CAIRO — Egypt will soon start working off a debt to Israel by importing Israeli natural gas.
Egypt had faced a $1.76 billion settlement awarded to state-owned Israel Electric Corporation (IEC) in 2015 because Egyptian companies for years had been unable to fulfill a long-term contract to supply IEC with natural gas at a fixed rate. To reduce that settlement to $500 million, Egypt is reversing the flow, so to speak, and will buy gas from Israel.
Texas-based Noble Energy, which operates Israel’s largest offshore natural gas field, Leviathan, will start supplying the local Israeli market by the end of December. “In the weeks right after that, we will export to Egypt and Jordan,” Binyamin Zomer, Noble Energy’s vice president for regional affairs, said Dec. 2 at Israel’s annual Energy and Business Convention in Ramat Gan.
On Nov. 3, EMED — a partnership between Noble Energy, Israel’s Delek Drilling and Egyptian East Gas Co. — closed its deal to acquire a 39% stake in East Mediterranean Gas Company (EMG), owner of the EMG Pipeline, for $185 million. The 90-kilometer (56-mile) subsea line will transport Israel’s gas to Egypt.
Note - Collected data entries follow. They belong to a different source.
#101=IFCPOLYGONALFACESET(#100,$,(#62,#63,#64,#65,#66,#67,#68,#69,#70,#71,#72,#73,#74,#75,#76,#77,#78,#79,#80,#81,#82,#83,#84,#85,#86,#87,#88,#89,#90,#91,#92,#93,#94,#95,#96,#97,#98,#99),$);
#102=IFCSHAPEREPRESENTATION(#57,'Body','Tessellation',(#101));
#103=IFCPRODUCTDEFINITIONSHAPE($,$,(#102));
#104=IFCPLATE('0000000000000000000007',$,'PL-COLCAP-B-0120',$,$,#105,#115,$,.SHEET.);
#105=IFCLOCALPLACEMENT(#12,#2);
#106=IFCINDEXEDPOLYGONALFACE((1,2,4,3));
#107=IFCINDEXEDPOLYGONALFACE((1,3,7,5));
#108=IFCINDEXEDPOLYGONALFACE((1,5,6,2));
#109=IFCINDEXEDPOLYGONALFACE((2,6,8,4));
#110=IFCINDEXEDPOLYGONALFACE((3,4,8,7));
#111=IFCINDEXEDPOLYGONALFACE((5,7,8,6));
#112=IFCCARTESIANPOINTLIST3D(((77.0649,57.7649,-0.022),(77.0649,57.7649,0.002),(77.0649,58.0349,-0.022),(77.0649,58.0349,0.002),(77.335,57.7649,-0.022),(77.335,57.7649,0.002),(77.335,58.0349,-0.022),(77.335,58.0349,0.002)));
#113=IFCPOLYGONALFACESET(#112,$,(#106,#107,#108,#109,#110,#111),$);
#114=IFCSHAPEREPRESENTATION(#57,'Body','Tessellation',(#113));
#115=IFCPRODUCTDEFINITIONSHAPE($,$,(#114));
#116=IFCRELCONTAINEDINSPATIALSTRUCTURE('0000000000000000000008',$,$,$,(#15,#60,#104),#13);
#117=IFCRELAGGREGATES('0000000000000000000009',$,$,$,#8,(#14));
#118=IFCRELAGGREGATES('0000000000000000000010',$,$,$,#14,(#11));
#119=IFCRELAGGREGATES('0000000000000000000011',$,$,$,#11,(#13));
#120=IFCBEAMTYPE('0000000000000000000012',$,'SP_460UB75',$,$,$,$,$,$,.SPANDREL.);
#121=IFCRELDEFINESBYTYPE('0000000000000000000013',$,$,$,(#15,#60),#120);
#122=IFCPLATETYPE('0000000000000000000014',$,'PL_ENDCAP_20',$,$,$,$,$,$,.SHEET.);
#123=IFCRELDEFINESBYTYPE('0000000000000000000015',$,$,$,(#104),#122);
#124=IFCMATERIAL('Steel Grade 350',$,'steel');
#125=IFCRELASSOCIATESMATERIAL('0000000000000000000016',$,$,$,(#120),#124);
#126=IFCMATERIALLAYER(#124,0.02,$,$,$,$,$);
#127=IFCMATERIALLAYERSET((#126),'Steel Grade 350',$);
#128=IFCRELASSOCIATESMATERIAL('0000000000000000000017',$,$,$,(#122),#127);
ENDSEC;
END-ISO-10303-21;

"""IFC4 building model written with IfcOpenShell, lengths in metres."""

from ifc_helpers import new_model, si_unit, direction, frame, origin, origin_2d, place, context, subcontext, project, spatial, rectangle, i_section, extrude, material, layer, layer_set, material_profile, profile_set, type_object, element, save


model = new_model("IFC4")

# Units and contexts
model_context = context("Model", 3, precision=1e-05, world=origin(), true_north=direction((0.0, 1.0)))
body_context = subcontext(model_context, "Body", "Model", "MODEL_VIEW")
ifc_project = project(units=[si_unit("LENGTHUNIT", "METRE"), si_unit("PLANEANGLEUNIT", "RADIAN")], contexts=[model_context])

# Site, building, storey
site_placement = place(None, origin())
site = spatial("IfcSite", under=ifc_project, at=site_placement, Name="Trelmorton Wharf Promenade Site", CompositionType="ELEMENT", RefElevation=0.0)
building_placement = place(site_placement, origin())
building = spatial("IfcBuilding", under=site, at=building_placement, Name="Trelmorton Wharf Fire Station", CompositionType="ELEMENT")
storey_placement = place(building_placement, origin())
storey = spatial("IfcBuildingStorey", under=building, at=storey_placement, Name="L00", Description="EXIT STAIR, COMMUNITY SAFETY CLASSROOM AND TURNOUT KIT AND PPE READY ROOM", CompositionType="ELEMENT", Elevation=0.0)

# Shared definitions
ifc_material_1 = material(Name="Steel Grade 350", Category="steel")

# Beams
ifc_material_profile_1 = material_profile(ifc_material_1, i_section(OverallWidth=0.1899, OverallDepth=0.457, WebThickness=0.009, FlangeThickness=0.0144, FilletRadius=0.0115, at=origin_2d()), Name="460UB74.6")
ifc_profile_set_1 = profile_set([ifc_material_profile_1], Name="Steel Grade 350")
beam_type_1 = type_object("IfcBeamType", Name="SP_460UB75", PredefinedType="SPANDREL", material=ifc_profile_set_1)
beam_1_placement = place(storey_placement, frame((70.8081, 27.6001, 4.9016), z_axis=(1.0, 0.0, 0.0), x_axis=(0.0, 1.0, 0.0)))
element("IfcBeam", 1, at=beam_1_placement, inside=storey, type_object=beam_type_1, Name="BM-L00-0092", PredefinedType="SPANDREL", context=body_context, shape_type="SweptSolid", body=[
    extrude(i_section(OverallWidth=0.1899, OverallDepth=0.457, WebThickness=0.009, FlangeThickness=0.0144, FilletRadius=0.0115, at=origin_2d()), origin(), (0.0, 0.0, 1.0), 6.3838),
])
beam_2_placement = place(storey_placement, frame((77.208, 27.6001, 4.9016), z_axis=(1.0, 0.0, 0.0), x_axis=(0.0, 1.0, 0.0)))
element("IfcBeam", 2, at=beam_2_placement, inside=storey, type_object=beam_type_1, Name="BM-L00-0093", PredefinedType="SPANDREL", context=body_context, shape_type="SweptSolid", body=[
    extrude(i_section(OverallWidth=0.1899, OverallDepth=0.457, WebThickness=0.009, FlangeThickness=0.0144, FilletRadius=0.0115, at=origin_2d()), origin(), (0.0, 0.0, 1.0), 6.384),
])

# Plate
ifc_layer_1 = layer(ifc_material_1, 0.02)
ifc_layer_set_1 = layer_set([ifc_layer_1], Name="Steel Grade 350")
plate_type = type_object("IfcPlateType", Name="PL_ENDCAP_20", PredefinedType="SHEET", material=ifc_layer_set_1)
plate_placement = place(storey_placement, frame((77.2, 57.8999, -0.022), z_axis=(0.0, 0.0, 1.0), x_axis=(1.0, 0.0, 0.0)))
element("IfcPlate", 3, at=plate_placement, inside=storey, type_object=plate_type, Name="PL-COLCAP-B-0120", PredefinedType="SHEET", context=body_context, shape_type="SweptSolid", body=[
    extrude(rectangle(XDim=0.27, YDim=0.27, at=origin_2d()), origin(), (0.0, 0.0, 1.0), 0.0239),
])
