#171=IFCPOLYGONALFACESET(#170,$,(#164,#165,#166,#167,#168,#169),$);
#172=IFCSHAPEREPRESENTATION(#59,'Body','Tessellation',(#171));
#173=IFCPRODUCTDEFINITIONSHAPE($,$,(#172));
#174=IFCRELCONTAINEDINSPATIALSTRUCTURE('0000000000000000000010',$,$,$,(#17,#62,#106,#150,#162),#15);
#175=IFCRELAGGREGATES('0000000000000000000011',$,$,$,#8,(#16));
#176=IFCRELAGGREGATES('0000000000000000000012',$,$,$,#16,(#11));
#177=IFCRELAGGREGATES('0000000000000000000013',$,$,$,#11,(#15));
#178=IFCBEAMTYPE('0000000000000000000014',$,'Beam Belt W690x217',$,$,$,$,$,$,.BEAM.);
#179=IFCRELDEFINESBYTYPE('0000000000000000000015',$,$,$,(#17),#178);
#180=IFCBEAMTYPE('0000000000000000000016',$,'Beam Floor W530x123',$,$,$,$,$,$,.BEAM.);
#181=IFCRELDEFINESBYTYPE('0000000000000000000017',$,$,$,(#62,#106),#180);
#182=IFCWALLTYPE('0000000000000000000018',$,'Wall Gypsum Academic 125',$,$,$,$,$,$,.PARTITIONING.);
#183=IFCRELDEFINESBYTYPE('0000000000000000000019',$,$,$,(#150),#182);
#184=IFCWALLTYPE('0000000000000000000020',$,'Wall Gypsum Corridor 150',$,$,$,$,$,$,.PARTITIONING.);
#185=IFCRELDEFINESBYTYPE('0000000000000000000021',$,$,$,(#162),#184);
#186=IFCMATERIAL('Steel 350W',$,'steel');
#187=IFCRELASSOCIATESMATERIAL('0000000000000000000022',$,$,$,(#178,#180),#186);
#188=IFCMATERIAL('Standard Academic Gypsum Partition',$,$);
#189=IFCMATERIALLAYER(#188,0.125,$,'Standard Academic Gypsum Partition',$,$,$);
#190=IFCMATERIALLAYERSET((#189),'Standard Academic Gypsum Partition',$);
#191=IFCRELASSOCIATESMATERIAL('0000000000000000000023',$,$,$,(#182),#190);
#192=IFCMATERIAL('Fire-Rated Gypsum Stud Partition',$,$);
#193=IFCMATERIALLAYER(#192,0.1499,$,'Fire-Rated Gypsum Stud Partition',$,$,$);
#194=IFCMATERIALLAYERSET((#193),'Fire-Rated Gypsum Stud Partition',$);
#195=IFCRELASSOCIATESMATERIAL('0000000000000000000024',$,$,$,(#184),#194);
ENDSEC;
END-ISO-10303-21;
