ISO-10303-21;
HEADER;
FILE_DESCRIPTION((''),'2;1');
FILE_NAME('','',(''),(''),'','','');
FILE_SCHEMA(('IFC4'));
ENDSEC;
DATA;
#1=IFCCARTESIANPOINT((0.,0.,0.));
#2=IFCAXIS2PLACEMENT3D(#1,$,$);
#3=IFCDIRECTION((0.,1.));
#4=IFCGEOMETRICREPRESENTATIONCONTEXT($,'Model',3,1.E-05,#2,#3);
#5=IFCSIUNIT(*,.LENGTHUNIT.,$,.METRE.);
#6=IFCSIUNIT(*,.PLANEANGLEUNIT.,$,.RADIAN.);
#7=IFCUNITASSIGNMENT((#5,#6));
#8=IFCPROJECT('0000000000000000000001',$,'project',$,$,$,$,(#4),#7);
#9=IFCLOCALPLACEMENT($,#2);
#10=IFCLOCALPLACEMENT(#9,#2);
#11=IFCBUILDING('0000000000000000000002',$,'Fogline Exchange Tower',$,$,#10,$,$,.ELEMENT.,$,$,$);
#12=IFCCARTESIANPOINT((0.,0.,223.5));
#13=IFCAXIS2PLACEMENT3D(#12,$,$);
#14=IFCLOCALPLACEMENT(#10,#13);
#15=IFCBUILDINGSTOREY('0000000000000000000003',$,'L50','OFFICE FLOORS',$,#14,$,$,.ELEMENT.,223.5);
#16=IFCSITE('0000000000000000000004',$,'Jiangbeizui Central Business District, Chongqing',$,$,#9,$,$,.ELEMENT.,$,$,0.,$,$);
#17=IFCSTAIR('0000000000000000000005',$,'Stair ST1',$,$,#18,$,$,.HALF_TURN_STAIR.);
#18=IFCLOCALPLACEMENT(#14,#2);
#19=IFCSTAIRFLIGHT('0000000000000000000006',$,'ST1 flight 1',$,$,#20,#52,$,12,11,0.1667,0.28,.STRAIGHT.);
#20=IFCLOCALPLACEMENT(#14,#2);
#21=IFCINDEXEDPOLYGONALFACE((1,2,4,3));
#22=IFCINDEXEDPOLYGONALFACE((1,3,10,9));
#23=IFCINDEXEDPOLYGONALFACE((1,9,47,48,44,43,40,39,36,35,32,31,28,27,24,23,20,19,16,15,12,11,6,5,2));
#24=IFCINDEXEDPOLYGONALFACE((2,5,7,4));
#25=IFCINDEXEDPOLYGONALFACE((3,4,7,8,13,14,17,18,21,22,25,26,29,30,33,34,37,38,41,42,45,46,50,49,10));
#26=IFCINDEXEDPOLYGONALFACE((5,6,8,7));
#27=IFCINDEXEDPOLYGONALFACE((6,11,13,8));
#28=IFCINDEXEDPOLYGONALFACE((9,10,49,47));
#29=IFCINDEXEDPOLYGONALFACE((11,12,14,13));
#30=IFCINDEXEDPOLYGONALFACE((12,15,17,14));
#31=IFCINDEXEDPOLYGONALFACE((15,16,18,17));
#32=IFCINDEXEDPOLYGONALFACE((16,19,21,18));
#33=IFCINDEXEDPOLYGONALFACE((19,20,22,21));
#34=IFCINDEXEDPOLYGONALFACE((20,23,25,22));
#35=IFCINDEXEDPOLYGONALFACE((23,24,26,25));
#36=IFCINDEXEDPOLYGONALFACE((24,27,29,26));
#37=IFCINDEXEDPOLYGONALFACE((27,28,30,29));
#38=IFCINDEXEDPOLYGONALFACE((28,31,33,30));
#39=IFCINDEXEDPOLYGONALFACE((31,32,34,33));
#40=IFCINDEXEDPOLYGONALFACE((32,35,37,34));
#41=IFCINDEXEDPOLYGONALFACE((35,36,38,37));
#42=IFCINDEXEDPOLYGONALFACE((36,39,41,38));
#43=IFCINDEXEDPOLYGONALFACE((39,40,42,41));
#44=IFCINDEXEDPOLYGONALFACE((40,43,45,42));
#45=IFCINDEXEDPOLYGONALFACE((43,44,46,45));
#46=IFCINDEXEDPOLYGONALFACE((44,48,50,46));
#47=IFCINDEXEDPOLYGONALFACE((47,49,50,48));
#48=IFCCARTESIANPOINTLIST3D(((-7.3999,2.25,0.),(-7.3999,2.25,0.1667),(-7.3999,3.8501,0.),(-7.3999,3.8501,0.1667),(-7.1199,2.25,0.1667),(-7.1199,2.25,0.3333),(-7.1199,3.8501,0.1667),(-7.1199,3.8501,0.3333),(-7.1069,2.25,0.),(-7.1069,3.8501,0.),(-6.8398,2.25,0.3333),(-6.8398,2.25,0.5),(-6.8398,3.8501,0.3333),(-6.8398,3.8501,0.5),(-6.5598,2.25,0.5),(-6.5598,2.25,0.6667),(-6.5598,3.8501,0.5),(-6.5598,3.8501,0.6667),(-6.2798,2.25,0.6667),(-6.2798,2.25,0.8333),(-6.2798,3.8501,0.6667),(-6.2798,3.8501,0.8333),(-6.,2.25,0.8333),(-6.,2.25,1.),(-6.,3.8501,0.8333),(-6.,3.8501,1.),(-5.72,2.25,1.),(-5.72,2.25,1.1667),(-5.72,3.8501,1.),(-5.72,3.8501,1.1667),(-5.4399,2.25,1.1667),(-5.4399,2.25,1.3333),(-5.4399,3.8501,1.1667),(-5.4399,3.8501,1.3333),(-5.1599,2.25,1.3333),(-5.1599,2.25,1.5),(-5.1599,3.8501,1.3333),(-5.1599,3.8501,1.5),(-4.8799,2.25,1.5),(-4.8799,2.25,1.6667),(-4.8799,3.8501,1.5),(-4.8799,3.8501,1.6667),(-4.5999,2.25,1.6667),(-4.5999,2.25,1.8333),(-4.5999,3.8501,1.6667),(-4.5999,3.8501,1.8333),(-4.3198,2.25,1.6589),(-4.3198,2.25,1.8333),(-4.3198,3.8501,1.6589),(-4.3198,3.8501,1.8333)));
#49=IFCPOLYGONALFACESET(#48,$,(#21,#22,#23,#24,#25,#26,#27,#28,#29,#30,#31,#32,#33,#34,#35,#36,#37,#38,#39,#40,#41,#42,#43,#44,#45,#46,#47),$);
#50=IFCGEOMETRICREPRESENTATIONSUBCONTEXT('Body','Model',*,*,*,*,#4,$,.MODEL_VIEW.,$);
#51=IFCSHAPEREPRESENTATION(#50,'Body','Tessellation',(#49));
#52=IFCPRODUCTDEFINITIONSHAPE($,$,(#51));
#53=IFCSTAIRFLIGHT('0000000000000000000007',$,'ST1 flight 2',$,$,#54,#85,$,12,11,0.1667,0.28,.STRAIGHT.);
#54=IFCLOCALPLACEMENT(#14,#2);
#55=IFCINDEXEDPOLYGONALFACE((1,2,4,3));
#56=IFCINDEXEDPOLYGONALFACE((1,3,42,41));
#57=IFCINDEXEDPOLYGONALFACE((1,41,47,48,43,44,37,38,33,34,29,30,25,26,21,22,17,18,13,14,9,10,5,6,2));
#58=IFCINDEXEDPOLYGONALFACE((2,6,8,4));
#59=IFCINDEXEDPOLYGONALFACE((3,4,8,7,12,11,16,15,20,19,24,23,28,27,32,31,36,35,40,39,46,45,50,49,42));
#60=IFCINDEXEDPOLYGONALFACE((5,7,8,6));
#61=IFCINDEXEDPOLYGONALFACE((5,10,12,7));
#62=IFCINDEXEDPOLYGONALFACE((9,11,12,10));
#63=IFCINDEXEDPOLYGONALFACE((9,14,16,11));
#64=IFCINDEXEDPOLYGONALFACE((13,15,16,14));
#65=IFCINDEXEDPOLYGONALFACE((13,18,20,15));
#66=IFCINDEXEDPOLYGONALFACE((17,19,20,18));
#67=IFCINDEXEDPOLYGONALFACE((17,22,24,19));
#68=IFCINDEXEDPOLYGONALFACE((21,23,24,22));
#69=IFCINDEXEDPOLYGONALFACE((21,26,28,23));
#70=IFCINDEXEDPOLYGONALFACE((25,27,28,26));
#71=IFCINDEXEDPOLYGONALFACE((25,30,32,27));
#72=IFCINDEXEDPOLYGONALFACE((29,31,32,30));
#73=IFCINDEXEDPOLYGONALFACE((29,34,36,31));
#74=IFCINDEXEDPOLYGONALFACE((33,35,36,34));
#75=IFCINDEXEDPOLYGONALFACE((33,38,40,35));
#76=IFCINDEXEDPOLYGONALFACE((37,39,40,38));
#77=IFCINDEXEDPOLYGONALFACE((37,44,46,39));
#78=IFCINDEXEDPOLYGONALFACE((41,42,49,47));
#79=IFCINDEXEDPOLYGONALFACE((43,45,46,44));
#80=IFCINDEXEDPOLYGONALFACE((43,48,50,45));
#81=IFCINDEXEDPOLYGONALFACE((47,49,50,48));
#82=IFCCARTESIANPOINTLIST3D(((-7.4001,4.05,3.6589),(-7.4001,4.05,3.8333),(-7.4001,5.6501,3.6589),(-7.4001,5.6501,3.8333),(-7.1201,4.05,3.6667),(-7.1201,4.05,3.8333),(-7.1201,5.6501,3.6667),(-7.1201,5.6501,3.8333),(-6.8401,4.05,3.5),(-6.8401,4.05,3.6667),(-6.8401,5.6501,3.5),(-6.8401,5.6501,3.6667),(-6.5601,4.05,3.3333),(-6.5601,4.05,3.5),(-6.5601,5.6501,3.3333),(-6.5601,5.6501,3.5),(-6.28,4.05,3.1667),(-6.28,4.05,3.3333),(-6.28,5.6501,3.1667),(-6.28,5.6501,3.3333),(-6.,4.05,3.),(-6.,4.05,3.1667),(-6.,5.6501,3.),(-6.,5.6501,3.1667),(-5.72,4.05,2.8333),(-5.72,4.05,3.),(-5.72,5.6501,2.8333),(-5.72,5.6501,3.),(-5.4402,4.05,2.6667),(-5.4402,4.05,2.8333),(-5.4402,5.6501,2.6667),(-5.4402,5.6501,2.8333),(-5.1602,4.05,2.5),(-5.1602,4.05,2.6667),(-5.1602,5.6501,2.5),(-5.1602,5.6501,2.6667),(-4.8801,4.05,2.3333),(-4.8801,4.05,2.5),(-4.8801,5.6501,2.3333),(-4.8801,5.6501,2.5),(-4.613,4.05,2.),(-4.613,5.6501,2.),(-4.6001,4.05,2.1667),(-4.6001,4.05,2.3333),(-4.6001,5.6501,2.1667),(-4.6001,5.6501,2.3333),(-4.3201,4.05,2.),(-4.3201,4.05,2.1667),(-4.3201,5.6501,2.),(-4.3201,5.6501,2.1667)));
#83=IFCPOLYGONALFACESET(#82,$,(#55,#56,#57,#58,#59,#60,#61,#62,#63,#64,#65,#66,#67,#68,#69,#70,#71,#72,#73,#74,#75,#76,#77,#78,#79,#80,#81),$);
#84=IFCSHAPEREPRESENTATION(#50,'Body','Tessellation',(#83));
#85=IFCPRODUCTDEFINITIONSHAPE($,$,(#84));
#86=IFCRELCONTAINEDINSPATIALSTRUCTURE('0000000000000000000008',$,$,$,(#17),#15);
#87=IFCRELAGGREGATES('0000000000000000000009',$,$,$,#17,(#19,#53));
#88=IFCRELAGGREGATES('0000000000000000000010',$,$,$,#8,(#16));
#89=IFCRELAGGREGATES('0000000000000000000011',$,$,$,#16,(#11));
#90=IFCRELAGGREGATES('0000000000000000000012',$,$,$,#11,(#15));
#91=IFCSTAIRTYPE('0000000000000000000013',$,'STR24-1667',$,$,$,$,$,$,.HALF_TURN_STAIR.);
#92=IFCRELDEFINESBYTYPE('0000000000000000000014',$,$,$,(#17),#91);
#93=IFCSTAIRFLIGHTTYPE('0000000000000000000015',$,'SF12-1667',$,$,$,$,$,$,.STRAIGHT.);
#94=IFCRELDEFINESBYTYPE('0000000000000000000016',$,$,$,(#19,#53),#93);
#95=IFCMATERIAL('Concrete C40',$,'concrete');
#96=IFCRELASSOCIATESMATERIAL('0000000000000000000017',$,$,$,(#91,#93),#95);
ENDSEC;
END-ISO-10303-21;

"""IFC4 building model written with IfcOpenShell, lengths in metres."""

from ifc_helpers import new_model, si_unit, direction, frame, origin, place, context, subcontext, project, spatial, polyline, outline, extrude, material, type_object, element, aggregate, save


model = new_model("IFC4")

# Units and contexts
model_context = context("Model", 3, precision=1e-05, world=origin(), true_north=direction((0.0, 1.0)))
body_context = subcontext(model_context, "Body", "Model", "MODEL_VIEW")
ifc_project = project(units=[si_unit("LENGTHUNIT", "METRE"), si_unit("PLANEANGLEUNIT", "RADIAN")], contexts=[model_context])

# Site, building, storey
site_placement = place(None, origin())
site = spatial("IfcSite", under=ifc_project, at=site_placement, Name="Jiangbeizui Central Business District, Chongqing", CompositionType="ELEMENT", RefElevation=0.0)
building_placement = place(site_placement, origin())
building = spatial("IfcBuilding", under=site, at=building_placement, Name="Fogline Exchange Tower", CompositionType="ELEMENT")
storey_placement = place(building_placement, frame((0.0, 0.0, 223.5)))
storey = spatial("IfcBuildingStorey", under=building, at=storey_placement, Name="L50", Description="OFFICE FLOORS", CompositionType="ELEMENT", Elevation=223.5)

# Shared definitions
ifc_material_1 = material(Name="Concrete C40", Category="concrete")

# Stair, stair flights
stair_type = type_object("IfcStairType", Name="STR24-1667", PredefinedType="HALF_TURN_STAIR", material=ifc_material_1)
stair_placement = place(storey_placement, origin())
stair = element("IfcStair", 1, at=stair_placement, inside=storey, type_object=stair_type, Name="Stair ST1", PredefinedType="HALF_TURN_STAIR")
stair_flight_type = type_object("IfcStairFlightType", Name="SF12-1667", PredefinedType="STRAIGHT", material=ifc_material_1)
stair_flight_1_placement = place(storey_placement, frame((-7.3999, 3.05, 0.0), z_axis=(0.0, 0.0, 1.0), x_axis=(1.0, 0.0, 0.0)))
stair_flight_1 = element("IfcStairFlight", 2, at=stair_flight_1_placement, type_object=stair_flight_type, Name="ST1 flight 1", NumberOfRisers=12, NumberOfTreads=11, PredefinedType="STRAIGHT", RiserHeight=0.1667, TreadLength=0.28, context=body_context, shape_type="SweptSolid", body=[
    extrude(outline(polyline([(0.0, 0.0), (0.0, 0.1667), (0.28, 0.1667), (0.28, 0.3333), (0.5601, 0.3333), (0.5601, 0.5), (0.8401, 0.5), (0.8401, 0.6667), (1.1201, 0.6667), (1.1201, 0.8333), (1.3999, 0.8333), (1.3999, 1.0), (1.6799, 1.0), (1.6799, 1.1667), (1.96, 1.1667), (1.96, 1.3333), (2.24, 1.3333), (2.24, 1.5), (2.52, 1.5), (2.52, 1.6667), (2.8, 1.6667), (2.8, 1.8333), (3.0801, 1.8333), (3.0801, 2.0), (3.0801, 1.6589), (0.293, 0.0), (0.0, 0.0)])), frame((0.0, 0.8, 0.0), z_axis=(0.0, -1.0, 0.0), x_axis=(1.0, 0.0, 0.0)), (0.0, 0.0, 1.0), 1.6001),
])
stair_flight_2_placement = place(storey_placement, frame((-4.3201, 4.8501, 2.0), z_axis=(0.0, 0.0, 1.0), x_axis=(-1.0, 0.0, 0.0)))
stair_flight_2 = element("IfcStairFlight", 3, at=stair_flight_2_placement, type_object=stair_flight_type, Name="ST1 flight 2", NumberOfRisers=12, NumberOfTreads=11, PredefinedType="STRAIGHT", RiserHeight=0.1667, TreadLength=0.28, context=body_context, shape_type="SweptSolid", body=[
    extrude(outline(polyline([(0.0, 0.0), (0.0, 0.1667), (0.28, 0.1667), (0.28, 0.3333), (0.5601, 0.3333), (0.5601, 0.5), (0.8401, 0.5), (0.8401, 0.6667), (1.1201, 0.6667), (1.1201, 0.8333), (1.3999, 0.8333), (1.3999, 1.0), (1.6799, 1.0), (1.6799, 1.1667), (1.96, 1.1667), (1.96, 1.3333), (2.24, 1.3333), (2.24, 1.5), (2.52, 1.5), (2.52, 1.6667), (2.8, 1.6667), (2.8, 1.8333), (3.0801, 1.8333), (3.0801, 2.0), (3.0801, 1.6589), (0.293, 0.0), (0.0, 0.0)])), frame((0.0, 0.8, 0.0), z_axis=(0.0, -1.0, 0.0), x_axis=(1.0, 0.0, 0.0)), (0.0, 0.0, 1.0), 1.6001),
])
aggregate(stair, [stair_flight_1, stair_flight_2])

save(model, "model.ifc")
Noble Energy and Delek Drilling are substantial partners in the operation of Israel’s Leviathan and Tamar offshore fields in the Mediterranean. The two companies had agreed to sell $15 billion worth of gas to a customer in Egypt — Dolphinus Holdings — but in October, the deal was amended to increase supply by 34% to about 85 billion cubic meters (3 trillion cubic feet), or about $20 billion.
Praising the supply deal, Ministry of Petroleum Spokesman Hamdi Abdel Aziz said, “The new amendments also increased the gas quantities from the Leviathan field to 60 bcm, while shrinking those from Tamar field to 25 bcm from 32 bcm, during a period of 15 years instead of 10.”
Egypt only recently was able to work out an arrangement to adjust the amount of money it owed IEC. In 2005, Egypt had signed a 15- to 20-year contract to sell gas to Israel at a fixed price but “after the January 2011 Revolution and the state of insecurity prevailing over the country, Egypt found itself unable to fulfill its commitment to supply gas to IEC,” Abdel Aziz told Al-Monitor. In addition to the general instability in the country, Egypt’s gas pipeline to Israel was hit by dozens of explosions. In 2015, IEC claimed Egyptian natural gas companies were obligated under an arbitration award issued by the International Chamber of Commerce to pay it $1.76 billion in compensation for halting gas supplies in 2012.
In June of this year, Egyptian General Petroleum Corporation and Egyptian Natural Gas Holding Company signed an agreement with IEC.
“Egypt agreed to import gas from Israel in exchange for Israel reducing the compensation amount due by approximately $1.3 billion,” Ayman Samir, an international relations researcher at Al-Ahram newspaper, told Al-Monitor.
In addition to settling the debt, Egypt will be able to export the gas it imports to other countries after its liquefaction at stations in northern Cairo, Samir said.
He affirmed that Egypt plans to become a regional energy hub, especially after developing production from the Zohr field in the Mediterranean. He added, however, “The Zohr field will not allow [for] dispensing with Israeli gas imports in the coming years, to meet the needs of the local market and power stations.”